The long-threatened review happened last year with changes announced being enforced from April – but what does this actually mean? For some benefits there have been significant changes, for others the changes have been less noticeable.

The main thing that HMRC did was to introduce a corresponding ‘benefit in kind’ on any salary sacrifice benefit and remove the employers NI saving. For some schemes this can cause a real headache but others – gym membership, health plans and cars to name three – have always had a benefit in kind charge. These schemes have always generated savings more from corporate discounts and lifestyle benefits rather than an actual tax saving, although tax savings can still be significant on cleaner cars – which will actually get even cheaper in the future with proposed further company car tax changes, with such cars protected from any changes still delivering employers an NI saving.

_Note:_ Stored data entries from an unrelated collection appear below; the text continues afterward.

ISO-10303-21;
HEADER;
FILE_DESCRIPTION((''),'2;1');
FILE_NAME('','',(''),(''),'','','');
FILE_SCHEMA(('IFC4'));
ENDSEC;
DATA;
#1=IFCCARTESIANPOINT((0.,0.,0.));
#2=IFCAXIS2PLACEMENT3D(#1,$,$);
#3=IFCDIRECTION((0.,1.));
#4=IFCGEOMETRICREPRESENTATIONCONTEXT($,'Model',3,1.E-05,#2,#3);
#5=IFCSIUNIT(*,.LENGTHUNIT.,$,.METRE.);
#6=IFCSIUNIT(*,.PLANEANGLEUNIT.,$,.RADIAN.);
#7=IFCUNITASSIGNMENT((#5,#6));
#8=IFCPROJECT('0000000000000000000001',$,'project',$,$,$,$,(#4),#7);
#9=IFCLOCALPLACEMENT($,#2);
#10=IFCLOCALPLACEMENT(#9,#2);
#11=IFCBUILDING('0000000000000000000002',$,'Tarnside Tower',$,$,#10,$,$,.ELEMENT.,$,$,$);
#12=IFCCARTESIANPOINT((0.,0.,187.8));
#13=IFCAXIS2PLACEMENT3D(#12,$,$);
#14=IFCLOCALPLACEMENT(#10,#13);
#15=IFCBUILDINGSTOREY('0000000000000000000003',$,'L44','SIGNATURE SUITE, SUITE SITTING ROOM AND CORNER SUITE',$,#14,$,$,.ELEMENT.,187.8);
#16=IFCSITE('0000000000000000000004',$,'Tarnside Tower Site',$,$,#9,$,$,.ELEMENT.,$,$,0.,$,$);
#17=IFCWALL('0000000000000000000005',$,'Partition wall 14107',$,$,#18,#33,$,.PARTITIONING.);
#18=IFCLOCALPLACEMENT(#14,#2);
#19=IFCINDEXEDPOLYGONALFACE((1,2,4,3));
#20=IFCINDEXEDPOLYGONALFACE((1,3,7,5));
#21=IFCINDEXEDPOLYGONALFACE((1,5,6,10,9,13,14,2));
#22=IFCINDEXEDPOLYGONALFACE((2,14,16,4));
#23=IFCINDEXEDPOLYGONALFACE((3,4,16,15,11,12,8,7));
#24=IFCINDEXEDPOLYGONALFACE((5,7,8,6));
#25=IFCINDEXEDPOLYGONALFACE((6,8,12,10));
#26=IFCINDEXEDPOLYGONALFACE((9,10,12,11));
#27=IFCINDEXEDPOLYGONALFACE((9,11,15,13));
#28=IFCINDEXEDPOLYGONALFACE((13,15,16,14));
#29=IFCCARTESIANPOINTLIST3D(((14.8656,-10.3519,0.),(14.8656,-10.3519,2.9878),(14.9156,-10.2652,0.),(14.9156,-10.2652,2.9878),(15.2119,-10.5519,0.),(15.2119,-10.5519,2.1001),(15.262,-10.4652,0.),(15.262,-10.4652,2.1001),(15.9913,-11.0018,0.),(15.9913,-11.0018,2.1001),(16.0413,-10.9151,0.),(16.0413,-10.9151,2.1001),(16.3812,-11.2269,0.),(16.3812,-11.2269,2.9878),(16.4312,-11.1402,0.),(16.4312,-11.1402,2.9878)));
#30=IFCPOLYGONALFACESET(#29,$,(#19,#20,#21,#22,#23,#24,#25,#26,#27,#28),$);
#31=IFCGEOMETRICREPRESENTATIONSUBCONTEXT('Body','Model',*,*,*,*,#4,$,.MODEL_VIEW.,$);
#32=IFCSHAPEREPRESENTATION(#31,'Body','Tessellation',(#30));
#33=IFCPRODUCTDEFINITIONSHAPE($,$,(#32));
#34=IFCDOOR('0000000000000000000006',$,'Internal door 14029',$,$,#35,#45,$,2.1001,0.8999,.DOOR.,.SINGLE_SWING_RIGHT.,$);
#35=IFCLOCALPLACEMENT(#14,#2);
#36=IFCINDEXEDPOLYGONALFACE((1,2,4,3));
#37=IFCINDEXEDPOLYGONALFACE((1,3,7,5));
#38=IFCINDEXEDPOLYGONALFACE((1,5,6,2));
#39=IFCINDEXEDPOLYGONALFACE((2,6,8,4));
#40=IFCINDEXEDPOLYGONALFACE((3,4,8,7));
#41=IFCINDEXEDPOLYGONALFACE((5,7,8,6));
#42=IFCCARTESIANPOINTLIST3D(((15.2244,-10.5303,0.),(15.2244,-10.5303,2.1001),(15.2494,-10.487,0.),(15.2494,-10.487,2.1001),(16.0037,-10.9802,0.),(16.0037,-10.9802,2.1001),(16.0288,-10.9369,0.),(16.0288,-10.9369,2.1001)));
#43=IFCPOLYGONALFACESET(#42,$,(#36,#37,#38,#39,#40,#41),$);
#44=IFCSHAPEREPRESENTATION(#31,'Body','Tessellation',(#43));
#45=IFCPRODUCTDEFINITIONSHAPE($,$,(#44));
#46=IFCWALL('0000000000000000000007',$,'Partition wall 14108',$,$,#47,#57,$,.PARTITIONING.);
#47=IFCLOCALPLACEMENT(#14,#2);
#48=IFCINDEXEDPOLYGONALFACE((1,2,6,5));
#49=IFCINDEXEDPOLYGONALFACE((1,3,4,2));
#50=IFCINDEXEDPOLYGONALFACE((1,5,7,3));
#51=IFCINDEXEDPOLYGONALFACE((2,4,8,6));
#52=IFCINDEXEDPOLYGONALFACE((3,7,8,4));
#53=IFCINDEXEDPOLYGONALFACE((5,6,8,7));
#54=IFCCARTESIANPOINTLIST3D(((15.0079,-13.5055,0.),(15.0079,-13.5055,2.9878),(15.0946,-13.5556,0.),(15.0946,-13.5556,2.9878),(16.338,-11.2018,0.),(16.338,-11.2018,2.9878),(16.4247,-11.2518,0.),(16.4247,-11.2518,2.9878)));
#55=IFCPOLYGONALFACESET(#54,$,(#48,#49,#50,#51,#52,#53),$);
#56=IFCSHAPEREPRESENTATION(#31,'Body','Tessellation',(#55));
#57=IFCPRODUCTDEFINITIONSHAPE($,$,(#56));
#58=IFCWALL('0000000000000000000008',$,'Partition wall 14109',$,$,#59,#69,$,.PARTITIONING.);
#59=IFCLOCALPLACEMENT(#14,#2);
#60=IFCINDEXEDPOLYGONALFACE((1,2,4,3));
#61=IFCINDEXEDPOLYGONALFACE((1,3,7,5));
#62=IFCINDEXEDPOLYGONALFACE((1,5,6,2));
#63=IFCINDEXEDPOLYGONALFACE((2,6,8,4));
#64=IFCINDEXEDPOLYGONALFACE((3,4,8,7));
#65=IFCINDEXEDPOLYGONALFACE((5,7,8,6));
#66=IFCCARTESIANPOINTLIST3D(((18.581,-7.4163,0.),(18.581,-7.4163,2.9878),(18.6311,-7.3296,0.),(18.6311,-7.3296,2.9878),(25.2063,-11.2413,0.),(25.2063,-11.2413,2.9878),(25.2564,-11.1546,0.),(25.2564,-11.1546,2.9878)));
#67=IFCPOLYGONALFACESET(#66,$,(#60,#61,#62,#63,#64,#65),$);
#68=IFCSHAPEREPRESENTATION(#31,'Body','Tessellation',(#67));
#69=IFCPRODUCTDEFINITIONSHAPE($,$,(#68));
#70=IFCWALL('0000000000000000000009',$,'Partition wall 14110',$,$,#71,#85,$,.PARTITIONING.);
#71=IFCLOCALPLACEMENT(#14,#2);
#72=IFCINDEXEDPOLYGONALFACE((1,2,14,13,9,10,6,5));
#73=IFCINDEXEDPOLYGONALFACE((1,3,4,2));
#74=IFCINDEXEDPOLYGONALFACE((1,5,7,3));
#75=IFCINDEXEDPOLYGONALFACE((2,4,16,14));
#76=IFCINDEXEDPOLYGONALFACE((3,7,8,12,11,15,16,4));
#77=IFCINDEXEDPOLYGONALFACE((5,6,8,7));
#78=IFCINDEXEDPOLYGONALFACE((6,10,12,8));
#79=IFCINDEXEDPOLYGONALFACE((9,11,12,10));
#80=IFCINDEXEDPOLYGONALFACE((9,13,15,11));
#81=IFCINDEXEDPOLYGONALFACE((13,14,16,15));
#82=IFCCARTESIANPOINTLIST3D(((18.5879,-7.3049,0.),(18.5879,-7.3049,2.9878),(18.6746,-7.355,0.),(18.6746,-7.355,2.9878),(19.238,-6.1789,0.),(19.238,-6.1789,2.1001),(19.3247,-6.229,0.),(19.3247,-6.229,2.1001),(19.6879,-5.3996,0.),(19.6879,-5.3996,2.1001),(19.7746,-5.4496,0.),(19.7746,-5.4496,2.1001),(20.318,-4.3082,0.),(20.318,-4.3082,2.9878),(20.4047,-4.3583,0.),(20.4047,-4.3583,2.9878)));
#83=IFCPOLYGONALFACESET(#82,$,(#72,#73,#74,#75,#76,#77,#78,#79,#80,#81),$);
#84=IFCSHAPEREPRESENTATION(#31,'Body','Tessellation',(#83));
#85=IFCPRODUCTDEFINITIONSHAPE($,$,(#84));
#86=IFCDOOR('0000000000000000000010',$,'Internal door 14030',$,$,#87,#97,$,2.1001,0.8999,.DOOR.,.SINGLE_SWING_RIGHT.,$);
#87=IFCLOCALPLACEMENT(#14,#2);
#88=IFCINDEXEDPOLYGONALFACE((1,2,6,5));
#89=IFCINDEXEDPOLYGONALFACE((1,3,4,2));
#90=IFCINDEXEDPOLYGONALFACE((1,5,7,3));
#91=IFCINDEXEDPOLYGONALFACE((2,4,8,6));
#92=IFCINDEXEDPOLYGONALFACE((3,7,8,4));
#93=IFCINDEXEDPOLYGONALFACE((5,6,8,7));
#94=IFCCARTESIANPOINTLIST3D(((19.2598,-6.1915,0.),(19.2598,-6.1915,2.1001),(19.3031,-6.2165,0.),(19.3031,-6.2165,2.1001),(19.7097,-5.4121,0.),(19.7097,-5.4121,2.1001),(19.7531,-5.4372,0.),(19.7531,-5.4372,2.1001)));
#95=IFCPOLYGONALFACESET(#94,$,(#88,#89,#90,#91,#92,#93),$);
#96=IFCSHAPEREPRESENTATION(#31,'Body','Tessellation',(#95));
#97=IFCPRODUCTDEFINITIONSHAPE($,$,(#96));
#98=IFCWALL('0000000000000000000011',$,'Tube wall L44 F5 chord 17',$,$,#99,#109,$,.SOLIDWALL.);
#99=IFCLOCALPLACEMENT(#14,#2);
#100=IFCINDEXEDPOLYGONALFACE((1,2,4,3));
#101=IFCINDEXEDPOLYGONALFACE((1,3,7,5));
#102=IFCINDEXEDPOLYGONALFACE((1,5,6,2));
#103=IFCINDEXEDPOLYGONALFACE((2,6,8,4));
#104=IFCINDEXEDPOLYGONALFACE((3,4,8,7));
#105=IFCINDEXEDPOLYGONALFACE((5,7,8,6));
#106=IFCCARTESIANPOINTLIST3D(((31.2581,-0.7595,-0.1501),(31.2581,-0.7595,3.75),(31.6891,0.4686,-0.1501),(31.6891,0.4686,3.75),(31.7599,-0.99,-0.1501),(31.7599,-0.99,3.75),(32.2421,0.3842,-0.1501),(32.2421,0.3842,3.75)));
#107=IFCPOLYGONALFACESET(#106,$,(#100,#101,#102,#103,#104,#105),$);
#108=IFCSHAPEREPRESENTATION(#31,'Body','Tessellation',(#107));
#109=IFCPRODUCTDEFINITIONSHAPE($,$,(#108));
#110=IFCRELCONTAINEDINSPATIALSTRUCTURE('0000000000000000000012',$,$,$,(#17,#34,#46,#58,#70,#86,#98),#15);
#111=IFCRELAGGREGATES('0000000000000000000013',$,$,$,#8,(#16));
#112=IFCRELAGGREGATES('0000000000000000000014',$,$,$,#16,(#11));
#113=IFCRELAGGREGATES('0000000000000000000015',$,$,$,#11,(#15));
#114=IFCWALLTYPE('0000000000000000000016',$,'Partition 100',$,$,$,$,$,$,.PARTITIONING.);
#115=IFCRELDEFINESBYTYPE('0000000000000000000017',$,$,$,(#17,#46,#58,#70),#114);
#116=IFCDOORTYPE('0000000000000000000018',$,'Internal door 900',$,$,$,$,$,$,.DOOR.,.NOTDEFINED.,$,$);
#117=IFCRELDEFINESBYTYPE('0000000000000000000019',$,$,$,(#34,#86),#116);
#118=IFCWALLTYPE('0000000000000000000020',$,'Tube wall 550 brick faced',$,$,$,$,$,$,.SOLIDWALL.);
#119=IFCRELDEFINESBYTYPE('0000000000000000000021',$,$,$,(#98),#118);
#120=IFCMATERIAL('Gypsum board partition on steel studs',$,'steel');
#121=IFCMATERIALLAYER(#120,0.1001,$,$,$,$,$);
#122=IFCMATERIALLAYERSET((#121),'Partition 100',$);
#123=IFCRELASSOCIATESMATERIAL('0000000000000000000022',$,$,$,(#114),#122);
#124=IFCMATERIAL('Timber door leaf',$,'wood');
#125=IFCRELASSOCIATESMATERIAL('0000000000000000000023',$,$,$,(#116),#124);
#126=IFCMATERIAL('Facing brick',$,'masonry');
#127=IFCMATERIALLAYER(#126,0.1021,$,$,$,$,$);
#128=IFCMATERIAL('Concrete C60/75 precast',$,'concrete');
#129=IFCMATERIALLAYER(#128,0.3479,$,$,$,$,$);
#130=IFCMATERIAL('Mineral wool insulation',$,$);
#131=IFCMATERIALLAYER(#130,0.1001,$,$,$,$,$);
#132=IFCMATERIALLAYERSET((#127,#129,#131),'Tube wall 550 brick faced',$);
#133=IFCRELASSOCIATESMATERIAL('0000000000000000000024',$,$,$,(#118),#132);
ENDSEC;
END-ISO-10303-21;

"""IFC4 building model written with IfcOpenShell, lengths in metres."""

from ifc_helpers import new_model, si_unit, direction, frame, frame_2d, origin, place, context, subcontext, project, spatial, polyline, rectangle, outline, extrude, material, layer, layer_set, type_object, element, fill, save


model = new_model("IFC4")

# Units and contexts
model_context = context("Model", 3, precision=1e-05, world=origin(), true_north=direction((0.0, 1.0)))
body_context = subcontext(model_context, "Body", "Model", "MODEL_VIEW")
ifc_project = project(units=[si_unit("LENGTHUNIT", "METRE"), si_unit("PLANEANGLEUNIT", "RADIAN")], contexts=[model_context])

# Site, building, storey
site_placement = place(None, origin())
site = spatial("IfcSite", under=ifc_project, at=site_placement, Name="Tarnside Tower Site", CompositionType="ELEMENT", RefElevation=0.0)
building_placement = place(site_placement, origin())
building = spatial("IfcBuilding", under=site, at=building_placement, Name="Tarnside Tower", CompositionType="ELEMENT")
storey_placement = place(building_placement, frame((0.0, 0.0, 187.8)))
storey = spatial("IfcBuildingStorey", under=building, at=storey_placement, Name="L44", Description="SIGNATURE SUITE, SUITE SITTING ROOM AND CORNER SUITE", CompositionType="ELEMENT", Elevation=187.8)

# Shared definitions
ifc_material_1 = material(Name="Gypsum board partition on steel studs", Category="steel")
ifc_material_2 = material(Name="Timber door leaf", Category="wood")

# Wall, opening, door
ifc_layer_1 = layer(ifc_material_1, 0.1001)
ifc_layer_set_1 = layer_set([ifc_layer_1], Name="Partition 100")
wall_type_1 = type_object("IfcWallType", Name="Partition 100", PredefinedType="PARTITIONING", material=ifc_layer_set_1)
wall_1_placement = place(storey_placement, frame((14.8906, -10.3086, 0.0), z_axis=(0.0, 0.0, 1.0), x_axis=(0.866037, -0.49998, 0.0)))
wall_1 = element("IfcWall", 1, at=wall_1_placement, inside=storey, type_object=wall_type_1, Name="Partition wall 14107", PredefinedType="PARTITIONING", context=body_context, shape_type="SweptSolid", body=[
    extrude(rectangle(XDim=1.75, YDim=0.1001, at=frame_2d((0.875, 0.0))), origin(), (0.0, 0.0, 1.0), 2.9878),
])
opening_1_placement = place(wall_1_placement, frame((0.3999, 0.0, 0.0)))
opening_1 = element("IfcOpeningElement", 2, at=opening_1_placement, cuts=wall_1, PredefinedType="OPENING", context=body_context, shape_type="SweptSolid", body=[
    extrude(rectangle(XDim=0.8999, YDim=2.1001, at=frame_2d((0.45, 1.05))), frame((0.0, 0.0601, 0.0), z_axis=(0.0, -1.0, 0.0), x_axis=(1.0, 0.0, 0.0)), (0.0, 0.0, 1.0), 0.1201),
])
door_type_1 = type_object("IfcDoorType", Name="Internal door 900", OperationType="NOTDEFINED", PredefinedType="DOOR", material=ifc_material_2)
door_1_placement = place(opening_1_placement, origin())
door_1 = element("IfcDoor", 3, at=door_1_placement, inside=storey, type_object=door_type_1, Name="Internal door 14029", OperationType="SINGLE_SWING_RIGHT", OverallHeight=2.1001, OverallWidth=0.8999, PredefinedType="DOOR", context=body_context, shape_type="SweptSolid", body=[
    extrude(rectangle(XDim=0.8999, YDim=2.1001, at=frame_2d((0.45, 1.05))), frame((0.0, 0.0249, 0.0), z_axis=(0.0, -1.0, 0.0), x_axis=(1.0, 0.0, 0.0)), (0.0, 0.0, 1.0), 0.05),
])
fill(opening_1, door_1)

So what does this mean for employees? Well we think salary sacrifice still has a place for a whole raft of benefits, and it will still reduce employees’ financial stress and improve productivity. Although the employer NI saving may be removed for many benefits,

the less tangible benefits of improved retention, recruitment and productivity really stack up. Cars continue to be up to 45% cheaper than retail for the cleanest models, with over 200 on

the market and more coming out each month. More polluting cars have been affected but out of 3,000 models on our scheme only 800 have increased in cost, and then by just £8 per month typically.

From 2020 with proposed company car tax changes the cleanest cars, ULEVs, will be even better value and with products ranging from a Nissan Leaf from £250 per month (no deposit,

everything but electricity included) to a Tesla for £850 per month there is something for every employee’s budget, lifestyle and aspiration.

There have been some losers. The living wage increases are welcome but mean that many entry-level employees have no spare salary to sacrifice for a bike – let alone a car! There are also those shown to do large amounts of business mileage who now have an increased benefit in kind where a none electric/hybrid car is chosen. There are solutions – but when one size doesn’t fit all you do need an expert to channel employees into the correct scheme for them.

Employee car schemes are one of the best ways to reward employees: they are a big item of expense and when they go wrong it impacts both your business and personal life. With the right provider you can ensure all employees can remove the stress and much of the financial cost of motoring, improving wellbeing. Just choose a provider that offers schemes such as employee car ownership and affinity schemes in addition to salary sacrifice as ecos suits those covering business miles and affinity those on living wage.

In addition, cost is key so ensure the scheme allows you to pass on VAT savings where applicable as this type of scheme is much better value for the employee.

And lastly, choose a provider who promotes the scheme fully for you and handles HMRC submission: employee car schemes don’t have to be complicated and any good provider should remove all the complexity for you, at no cost to you.